I had not planned to blog about TED this year. The week is always packed and finding time to write each day is hard. However, a dear friend prevailed upon me to do so. (I started writing this at 5:00am and need to finish by 8:00 so I can attend the first of today's sessions. I apologize in advance for any typos, incomplete sentences, or general incoherence!) 

In so many ways, it felt like a normal TED. We had to get COVID tested as part of the registration, but that meant that folks were comfortable going without masks. Other than the staff, masks were few and far between. The list of speakers looked solid with many familiar names from TEDs past. The day started off with a pair of TED Fellows sessions. These consisted of 12 or so 5-minute talks by an impressive and varied array of Fellows. The topics varied from exoplanets to journalism to art to technology to dance. 
None of those talks were overly inspiring, but it is always wonderful to hear from people impassioned by their work, even if the work may be something as obscure as the Internet of Elephants. (Yes, that is a thing.) It felt like a normal TED. 

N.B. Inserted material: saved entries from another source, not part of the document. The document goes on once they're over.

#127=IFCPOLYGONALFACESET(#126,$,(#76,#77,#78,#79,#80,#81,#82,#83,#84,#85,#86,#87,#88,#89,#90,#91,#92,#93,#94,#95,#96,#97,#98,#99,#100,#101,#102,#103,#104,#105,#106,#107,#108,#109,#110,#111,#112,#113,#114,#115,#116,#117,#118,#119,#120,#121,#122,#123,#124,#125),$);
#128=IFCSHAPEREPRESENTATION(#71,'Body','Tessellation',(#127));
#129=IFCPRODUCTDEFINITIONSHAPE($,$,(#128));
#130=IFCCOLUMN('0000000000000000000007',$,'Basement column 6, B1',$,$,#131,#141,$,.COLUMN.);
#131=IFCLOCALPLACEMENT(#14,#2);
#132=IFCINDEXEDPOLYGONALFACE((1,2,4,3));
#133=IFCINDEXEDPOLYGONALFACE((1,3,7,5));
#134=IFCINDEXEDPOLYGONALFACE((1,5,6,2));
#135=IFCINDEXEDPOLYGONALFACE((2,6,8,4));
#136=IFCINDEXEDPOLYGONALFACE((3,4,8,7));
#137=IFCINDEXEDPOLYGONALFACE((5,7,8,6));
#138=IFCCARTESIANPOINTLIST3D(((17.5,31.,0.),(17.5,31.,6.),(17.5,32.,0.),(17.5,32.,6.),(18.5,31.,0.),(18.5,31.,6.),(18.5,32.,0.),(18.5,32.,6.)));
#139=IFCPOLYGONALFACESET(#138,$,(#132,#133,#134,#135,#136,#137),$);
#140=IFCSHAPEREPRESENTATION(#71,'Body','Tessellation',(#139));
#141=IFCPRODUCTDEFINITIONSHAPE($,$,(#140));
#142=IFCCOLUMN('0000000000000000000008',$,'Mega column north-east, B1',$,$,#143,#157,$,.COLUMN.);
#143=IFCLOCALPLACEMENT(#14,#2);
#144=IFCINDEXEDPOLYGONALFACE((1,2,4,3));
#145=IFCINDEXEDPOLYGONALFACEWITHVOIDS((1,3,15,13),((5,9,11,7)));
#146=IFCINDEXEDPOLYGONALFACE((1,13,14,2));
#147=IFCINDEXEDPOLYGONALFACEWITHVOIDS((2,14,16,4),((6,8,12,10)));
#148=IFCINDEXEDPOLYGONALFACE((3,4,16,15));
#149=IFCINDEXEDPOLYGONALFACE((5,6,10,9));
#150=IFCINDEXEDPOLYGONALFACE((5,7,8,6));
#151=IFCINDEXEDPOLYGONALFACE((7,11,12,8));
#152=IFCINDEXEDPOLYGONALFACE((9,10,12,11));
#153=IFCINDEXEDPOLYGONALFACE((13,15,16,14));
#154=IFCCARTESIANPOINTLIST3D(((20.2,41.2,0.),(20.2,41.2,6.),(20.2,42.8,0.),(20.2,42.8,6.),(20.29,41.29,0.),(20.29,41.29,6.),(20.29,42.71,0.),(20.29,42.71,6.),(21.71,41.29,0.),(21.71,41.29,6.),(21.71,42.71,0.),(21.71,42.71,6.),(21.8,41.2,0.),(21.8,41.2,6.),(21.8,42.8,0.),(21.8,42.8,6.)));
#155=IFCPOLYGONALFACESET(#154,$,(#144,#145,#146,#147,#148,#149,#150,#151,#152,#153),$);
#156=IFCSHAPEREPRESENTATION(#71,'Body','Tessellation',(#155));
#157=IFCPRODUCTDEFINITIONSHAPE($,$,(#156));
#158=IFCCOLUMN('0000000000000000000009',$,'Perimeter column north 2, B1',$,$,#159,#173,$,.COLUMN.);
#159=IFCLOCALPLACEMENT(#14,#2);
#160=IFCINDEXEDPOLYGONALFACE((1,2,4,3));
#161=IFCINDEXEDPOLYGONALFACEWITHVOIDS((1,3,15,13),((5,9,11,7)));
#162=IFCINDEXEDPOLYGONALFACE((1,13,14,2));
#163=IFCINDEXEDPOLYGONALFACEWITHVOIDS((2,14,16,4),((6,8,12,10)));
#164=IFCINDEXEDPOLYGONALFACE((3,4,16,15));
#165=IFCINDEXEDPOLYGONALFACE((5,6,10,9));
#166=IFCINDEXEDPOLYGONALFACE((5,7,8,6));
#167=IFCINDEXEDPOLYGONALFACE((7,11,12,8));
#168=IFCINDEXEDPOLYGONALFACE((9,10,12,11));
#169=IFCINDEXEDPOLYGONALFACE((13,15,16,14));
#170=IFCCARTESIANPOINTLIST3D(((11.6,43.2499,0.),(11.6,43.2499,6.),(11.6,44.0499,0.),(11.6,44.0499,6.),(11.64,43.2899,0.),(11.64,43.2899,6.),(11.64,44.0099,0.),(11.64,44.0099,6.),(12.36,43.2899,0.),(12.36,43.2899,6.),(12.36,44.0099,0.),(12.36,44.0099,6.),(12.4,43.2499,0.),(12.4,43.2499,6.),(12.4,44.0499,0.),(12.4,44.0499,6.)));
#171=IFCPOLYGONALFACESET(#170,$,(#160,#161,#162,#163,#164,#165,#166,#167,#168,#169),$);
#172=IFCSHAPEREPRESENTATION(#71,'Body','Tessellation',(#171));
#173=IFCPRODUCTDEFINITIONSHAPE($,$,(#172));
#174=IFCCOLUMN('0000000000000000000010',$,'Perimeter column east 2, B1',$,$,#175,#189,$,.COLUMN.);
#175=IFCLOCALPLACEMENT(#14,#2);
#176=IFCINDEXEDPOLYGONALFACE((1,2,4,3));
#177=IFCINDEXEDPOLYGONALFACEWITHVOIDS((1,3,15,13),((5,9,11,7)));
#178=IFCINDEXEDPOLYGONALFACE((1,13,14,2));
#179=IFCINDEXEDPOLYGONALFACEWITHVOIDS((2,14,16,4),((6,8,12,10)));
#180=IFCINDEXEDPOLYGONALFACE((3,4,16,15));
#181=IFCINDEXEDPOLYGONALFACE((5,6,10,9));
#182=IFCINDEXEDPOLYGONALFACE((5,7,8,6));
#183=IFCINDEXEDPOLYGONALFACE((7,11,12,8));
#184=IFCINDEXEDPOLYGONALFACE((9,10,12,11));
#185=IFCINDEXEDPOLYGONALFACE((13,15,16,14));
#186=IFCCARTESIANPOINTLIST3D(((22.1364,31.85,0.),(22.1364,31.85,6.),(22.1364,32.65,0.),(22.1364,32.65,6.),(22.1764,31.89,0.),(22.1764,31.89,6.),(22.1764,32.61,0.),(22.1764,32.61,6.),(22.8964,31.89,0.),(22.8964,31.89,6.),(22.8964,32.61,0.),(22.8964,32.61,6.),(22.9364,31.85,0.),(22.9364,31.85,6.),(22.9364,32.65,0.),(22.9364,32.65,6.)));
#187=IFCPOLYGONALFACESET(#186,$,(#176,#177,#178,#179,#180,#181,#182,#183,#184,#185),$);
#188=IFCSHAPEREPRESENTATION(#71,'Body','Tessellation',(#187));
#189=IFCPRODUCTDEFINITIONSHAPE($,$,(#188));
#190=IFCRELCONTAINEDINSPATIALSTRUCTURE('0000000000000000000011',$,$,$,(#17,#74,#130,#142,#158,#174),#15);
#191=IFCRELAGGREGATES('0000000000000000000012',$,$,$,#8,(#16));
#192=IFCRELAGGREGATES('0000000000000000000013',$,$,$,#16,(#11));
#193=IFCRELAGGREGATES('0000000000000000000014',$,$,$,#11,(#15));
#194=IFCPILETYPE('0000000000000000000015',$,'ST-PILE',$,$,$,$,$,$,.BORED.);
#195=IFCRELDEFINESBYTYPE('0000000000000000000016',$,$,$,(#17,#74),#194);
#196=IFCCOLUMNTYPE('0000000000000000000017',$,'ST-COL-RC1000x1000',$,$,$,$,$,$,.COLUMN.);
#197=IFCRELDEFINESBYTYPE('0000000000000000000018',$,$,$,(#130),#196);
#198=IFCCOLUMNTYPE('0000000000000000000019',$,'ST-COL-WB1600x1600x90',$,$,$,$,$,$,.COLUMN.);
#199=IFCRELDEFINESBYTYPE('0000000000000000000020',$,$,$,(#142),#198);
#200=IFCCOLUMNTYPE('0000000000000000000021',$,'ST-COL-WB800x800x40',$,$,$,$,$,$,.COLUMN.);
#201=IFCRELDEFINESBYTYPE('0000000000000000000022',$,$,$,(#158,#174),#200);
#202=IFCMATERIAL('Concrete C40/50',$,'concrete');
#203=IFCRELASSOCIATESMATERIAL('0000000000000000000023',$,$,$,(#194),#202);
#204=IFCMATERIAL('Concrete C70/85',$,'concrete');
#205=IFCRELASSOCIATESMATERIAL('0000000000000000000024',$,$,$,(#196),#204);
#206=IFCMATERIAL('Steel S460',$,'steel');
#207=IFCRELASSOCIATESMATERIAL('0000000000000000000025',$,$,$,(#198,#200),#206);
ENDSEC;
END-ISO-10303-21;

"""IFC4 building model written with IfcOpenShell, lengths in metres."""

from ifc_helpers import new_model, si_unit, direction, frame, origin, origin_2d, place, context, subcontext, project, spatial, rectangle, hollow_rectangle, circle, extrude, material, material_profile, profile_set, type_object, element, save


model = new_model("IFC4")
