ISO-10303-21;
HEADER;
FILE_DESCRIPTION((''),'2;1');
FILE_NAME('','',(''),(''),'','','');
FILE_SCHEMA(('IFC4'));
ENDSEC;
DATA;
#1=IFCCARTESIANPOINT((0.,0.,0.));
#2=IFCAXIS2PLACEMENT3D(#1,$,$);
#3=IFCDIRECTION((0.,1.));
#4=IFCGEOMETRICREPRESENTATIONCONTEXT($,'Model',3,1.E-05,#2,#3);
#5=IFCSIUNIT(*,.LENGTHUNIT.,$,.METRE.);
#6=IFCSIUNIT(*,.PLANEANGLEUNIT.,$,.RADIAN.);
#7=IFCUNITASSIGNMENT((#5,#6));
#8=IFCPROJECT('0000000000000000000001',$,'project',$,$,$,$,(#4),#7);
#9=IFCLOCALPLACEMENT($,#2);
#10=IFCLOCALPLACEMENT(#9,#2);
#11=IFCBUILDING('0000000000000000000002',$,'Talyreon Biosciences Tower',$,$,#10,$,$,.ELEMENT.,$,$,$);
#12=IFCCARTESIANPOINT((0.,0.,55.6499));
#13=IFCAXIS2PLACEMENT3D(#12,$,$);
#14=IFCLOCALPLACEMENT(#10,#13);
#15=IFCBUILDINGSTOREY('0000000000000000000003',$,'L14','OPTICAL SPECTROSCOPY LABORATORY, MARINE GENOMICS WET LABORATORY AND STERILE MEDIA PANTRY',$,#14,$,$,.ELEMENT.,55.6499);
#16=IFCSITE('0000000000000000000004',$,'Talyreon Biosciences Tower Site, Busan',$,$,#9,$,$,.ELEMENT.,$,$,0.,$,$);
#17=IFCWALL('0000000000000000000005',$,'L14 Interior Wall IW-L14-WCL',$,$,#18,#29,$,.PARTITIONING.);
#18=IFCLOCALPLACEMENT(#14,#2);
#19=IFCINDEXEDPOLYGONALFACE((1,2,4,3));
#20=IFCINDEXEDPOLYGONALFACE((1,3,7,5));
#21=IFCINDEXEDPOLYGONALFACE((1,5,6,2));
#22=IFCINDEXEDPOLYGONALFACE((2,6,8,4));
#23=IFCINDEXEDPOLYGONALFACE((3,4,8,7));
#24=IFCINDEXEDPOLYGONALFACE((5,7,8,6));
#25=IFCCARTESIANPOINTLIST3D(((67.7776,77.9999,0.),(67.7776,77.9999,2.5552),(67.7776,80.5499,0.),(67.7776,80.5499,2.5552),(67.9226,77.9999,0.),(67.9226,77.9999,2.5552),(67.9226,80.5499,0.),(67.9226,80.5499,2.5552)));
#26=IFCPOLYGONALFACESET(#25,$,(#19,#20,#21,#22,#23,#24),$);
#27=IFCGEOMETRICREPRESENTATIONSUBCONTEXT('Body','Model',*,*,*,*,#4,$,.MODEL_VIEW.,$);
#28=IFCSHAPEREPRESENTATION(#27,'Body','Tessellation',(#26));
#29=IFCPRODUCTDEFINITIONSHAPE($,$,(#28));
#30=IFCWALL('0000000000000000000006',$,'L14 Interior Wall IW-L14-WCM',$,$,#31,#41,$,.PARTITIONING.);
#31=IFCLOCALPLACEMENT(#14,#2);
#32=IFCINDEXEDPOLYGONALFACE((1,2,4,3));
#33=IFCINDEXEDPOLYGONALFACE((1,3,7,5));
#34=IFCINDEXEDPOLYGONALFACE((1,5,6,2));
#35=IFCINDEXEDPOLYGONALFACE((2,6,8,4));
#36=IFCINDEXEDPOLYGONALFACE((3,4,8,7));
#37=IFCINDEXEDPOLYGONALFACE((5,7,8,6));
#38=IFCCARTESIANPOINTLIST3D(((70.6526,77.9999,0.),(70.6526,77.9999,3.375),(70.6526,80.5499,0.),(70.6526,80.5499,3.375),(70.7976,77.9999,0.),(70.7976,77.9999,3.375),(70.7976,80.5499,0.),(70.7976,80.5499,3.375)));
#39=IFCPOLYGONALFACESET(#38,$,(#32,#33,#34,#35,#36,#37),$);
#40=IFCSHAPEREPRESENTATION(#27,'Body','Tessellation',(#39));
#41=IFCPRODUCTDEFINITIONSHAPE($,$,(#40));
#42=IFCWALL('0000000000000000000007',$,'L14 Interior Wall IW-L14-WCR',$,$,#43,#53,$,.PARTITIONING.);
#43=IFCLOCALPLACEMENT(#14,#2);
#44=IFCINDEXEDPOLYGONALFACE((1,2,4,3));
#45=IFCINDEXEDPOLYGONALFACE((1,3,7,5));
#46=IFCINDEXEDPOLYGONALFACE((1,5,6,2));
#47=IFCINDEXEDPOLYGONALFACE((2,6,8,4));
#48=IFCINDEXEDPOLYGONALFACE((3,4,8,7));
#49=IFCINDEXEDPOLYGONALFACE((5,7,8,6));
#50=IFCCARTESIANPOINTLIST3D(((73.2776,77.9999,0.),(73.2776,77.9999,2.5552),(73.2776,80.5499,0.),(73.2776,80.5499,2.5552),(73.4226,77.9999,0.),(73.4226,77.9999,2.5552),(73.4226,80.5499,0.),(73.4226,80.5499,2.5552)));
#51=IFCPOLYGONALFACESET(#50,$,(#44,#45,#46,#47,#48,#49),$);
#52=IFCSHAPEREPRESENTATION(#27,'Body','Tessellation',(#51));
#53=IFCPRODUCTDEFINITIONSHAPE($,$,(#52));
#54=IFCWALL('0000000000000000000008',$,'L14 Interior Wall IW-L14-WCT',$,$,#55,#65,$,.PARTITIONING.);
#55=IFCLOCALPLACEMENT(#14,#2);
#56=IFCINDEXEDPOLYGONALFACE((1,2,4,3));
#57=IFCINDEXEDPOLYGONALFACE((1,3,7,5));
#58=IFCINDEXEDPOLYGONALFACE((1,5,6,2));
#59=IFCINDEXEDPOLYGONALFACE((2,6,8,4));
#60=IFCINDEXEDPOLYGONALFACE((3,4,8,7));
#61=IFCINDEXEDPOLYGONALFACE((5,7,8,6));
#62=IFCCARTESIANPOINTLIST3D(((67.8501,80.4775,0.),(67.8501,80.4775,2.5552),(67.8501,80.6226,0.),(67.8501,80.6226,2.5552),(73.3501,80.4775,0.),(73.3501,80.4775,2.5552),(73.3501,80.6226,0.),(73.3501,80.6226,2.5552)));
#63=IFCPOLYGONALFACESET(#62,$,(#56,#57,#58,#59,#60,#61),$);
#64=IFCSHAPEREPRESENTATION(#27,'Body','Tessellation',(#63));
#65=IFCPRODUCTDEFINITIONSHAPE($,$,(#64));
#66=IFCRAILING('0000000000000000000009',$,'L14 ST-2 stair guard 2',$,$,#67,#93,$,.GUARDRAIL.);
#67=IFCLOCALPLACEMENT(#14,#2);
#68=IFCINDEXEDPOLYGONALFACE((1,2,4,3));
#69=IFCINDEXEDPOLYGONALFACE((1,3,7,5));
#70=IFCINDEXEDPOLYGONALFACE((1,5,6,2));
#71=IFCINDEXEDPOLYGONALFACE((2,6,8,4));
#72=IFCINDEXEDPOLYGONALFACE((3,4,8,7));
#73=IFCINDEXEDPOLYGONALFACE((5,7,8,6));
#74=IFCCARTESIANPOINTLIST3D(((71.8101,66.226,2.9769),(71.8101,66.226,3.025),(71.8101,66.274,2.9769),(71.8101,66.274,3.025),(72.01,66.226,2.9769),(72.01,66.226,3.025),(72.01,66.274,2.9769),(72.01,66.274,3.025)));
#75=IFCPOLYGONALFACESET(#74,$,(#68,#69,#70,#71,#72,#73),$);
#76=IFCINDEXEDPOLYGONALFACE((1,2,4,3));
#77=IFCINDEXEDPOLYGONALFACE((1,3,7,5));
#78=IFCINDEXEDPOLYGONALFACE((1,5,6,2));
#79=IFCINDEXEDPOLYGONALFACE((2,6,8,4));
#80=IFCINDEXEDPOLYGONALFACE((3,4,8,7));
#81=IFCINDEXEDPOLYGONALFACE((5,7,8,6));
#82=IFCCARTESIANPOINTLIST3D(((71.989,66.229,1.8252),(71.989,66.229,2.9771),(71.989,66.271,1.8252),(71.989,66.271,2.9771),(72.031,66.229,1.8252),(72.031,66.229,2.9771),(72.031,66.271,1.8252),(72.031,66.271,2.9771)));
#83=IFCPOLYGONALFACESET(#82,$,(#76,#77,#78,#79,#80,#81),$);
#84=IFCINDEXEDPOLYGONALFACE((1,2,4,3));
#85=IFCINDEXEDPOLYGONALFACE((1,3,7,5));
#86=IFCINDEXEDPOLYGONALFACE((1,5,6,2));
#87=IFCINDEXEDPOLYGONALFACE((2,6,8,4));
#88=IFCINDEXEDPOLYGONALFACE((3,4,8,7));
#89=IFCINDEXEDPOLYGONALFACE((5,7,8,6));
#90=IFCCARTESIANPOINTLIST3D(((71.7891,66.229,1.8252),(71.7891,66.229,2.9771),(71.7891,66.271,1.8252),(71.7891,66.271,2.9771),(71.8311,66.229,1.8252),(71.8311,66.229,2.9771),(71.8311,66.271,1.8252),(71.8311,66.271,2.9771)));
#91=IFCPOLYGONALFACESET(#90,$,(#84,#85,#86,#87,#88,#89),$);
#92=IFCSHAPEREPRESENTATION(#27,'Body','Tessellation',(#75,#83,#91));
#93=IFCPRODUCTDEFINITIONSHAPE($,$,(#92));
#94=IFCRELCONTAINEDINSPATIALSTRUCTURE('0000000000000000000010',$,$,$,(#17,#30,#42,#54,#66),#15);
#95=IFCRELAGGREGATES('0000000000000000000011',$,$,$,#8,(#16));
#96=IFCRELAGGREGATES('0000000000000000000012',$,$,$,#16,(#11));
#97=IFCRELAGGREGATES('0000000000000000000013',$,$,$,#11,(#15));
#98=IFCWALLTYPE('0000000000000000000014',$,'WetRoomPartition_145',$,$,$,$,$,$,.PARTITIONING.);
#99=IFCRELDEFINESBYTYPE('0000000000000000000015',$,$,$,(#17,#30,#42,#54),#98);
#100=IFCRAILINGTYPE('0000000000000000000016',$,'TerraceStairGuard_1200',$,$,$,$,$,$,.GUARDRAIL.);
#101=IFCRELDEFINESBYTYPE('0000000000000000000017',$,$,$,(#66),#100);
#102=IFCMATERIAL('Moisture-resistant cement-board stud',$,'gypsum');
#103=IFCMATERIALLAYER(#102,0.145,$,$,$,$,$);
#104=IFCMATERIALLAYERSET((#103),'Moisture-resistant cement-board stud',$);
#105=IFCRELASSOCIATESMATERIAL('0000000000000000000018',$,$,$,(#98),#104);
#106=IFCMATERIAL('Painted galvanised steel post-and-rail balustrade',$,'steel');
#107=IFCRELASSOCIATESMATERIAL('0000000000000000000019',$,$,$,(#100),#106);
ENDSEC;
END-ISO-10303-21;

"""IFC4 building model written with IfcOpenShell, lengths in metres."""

from ifc_helpers import new_model, si_unit, direction, frame, frame_2d, origin, origin_2d, place, context, subcontext, project, spatial, rectangle, extrude, material, layer, layer_set, type_object, element, save


model = new_model("IFC4")

# Units and contexts
model_context = context("Model", 3, precision=1e-05, world=origin(), true_north=direction((0.0, 1.0)))
body_context = subcontext(model_context, "Body", "Model", "MODEL_VIEW")
ifc_project = project(units=[si_unit("LENGTHUNIT", "METRE"), si_unit("PLANEANGLEUNIT", "RADIAN")], contexts=[model_context])

# Site, building, storey
site_placement = place(None, origin())
site = spatial("IfcSite", under=ifc_project, at=site_placement, Name="Talyreon Biosciences Tower Site, Busan", CompositionType="ELEMENT", RefElevation=0.0)
building_placement = place(site_placement, origin())
building = spatial("IfcBuilding", under=site, at=building_placement, Name="Talyreon Biosciences Tower", CompositionType="ELEMENT")
storey_placement = place(building_placement, frame((0.0, 0.0, 55.6499)))
storey = spatial("IfcBuildingStorey", under=building, at=storey_placement, Name="L14", Description="OPTICAL SPECTROSCOPY LABORATORY, MARINE GENOMICS WET LABORATORY AND STERILE MEDIA PANTRY", CompositionType="ELEMENT", Elevation=55.6499)

# Walls
ifc_material_1 = material(Name="Moisture-resistant cement-board stud", Category="gypsum")
ifc_layer_1 = layer(ifc_material_1, 0.145)
ifc_layer_set_1 = layer_set([ifc_layer_1], Name="Moisture-resistant cement-board stud")
wall_type_1 = type_object("IfcWallType", Name="WetRoomPartition_145", PredefinedType="PARTITIONING", material=ifc_layer_set_1)
wall_1_placement = place(storey_placement, frame((67.8501, 78.0, 0.0), z_axis=(0.0, 0.0, 1.0), x_axis=(0.0, 1.0, 0.0)))
element("IfcWall", 1, at=wall_1_placement, inside=storey, type_object=wall_type_1, Name="L14 Interior Wall IW-L14-WCL", PredefinedType="PARTITIONING", context=body_context, shape_type="SweptSolid", body=[
    extrude(rectangle(XDim=2.55, YDim=0.145, at=frame_2d((1.2749, 0.0))), origin(), (0.0, 0.0, 1.0), 2.5552),
])
wall_2_placement = place(storey_placement, frame((70.7251, 78.0, 0.0), z_axis=(0.0, 0.0, 1.0), x_axis=(0.0, 1.0, 0.0)))
element("IfcWall", 2, at=wall_2_placement, inside=storey, type_object=wall_type_1, Name="L14 Interior Wall IW-L14-WCM", PredefinedType="PARTITIONING", context=body_context, shape_type="SweptSolid", body=[
    extrude(rectangle(XDim=2.55, YDim=0.145, at=frame_2d((1.2749, 0.0))), origin(), (0.0, 0.0, 1.0), 3.375),
])
wall_3_placement = place(storey_placement, frame((73.3501, 78.0, 0.0), z_axis=(0.0, 0.0, 1.0), x_axis=(0.0, 1.0, 0.0)))
element("IfcWall", 3, at=wall_3_placement, inside=storey, type_object=wall_type_1, Name="L14 Interior Wall IW-L14-WCR", PredefinedType="PARTITIONING", context=body_context, shape_type="SweptSolid", body=[
    extrude(rectangle(XDim=2.55, YDim=0.145, at=frame_2d((1.2749, 0.0))), origin(), (0.0, 0.0, 1.0), 2.5552),
])
wall_4_placement = place(storey_placement, frame((67.8501, 80.55, 0.0), z_axis=(0.0, 0.0, 1.0), x_axis=(1.0, 0.0, 0.0)))
element("IfcWall", 4, at=wall_4_placement, inside=storey, type_object=wall_type_1, Name="L14 Interior Wall IW-L14-WCT", PredefinedType="PARTITIONING", context=body_context, shape_type="SweptSolid", body=[
    extrude(rectangle(XDim=5.5, YDim=0.145, at=frame_2d((2.75, 0.0))), origin(), (0.0, 0.0, 1.0), 2.5552),
])

# Railing
ifc_material_2 = material(Name="Painted galvanised steel post-and-rail balustrade", Category="steel")
railing_type = type_object("IfcRailingType", Name="TerraceStairGuard_1200", PredefinedType="GUARDRAIL", material=ifc_material_2)
railing_placement = place(storey_placement, frame((72.01, 66.25, 1.8252)))
element("IfcRailing", 5, at=railing_placement, inside=storey, type_object=railing_type, Name="L14 ST-2 stair guard 2", PredefinedType="GUARDRAIL", context=body_context, shape_type="SweptSolid", body=[
    extrude(rectangle(XDim=0.0481, YDim=0.0481, at=origin_2d()), frame((0.0, 0.0, 1.1758), z_axis=(-1.0, 0.0, 0.0), x_axis=(0.0, -1.0, 0.0)), (0.0, 0.0, 1.0), 0.2),
    extrude(rectangle(XDim=0.042, YDim=0.042, at=origin_2d()), origin(), (0.0, 0.0, 1.0), 1.1519),
    extrude(rectangle(XDim=0.042, YDim=0.042, at=origin_2d()), frame((-0.2, 0.0, 0.0)), (0.0, 0.0, 1.0), 1.1519),
])

save(model, "model.ifc")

Finally, in the early evening the main talks began on the main stage. The theme of this TED is "A New Era." That title was picked long before the Russian invasion of Ukraine and seemed like a normal TED theme. Things started out with an augmented reality demonstration by Particle Ink. Everyone had an iPad on their seat and could use it to watch magical creatures and special affects augment the dancing on stage. It was very cool and felt like what, in my jaded perspective, I had come to expect from a normal TED. 
Then, what unfolded was the greatest session of talks that I can remember from my many years of attending TED. Sadly, no words I can write will do the evening justice. Please keep an eye out on TED.com for when they post the talks. I will update this with links to the talks if I notice them. 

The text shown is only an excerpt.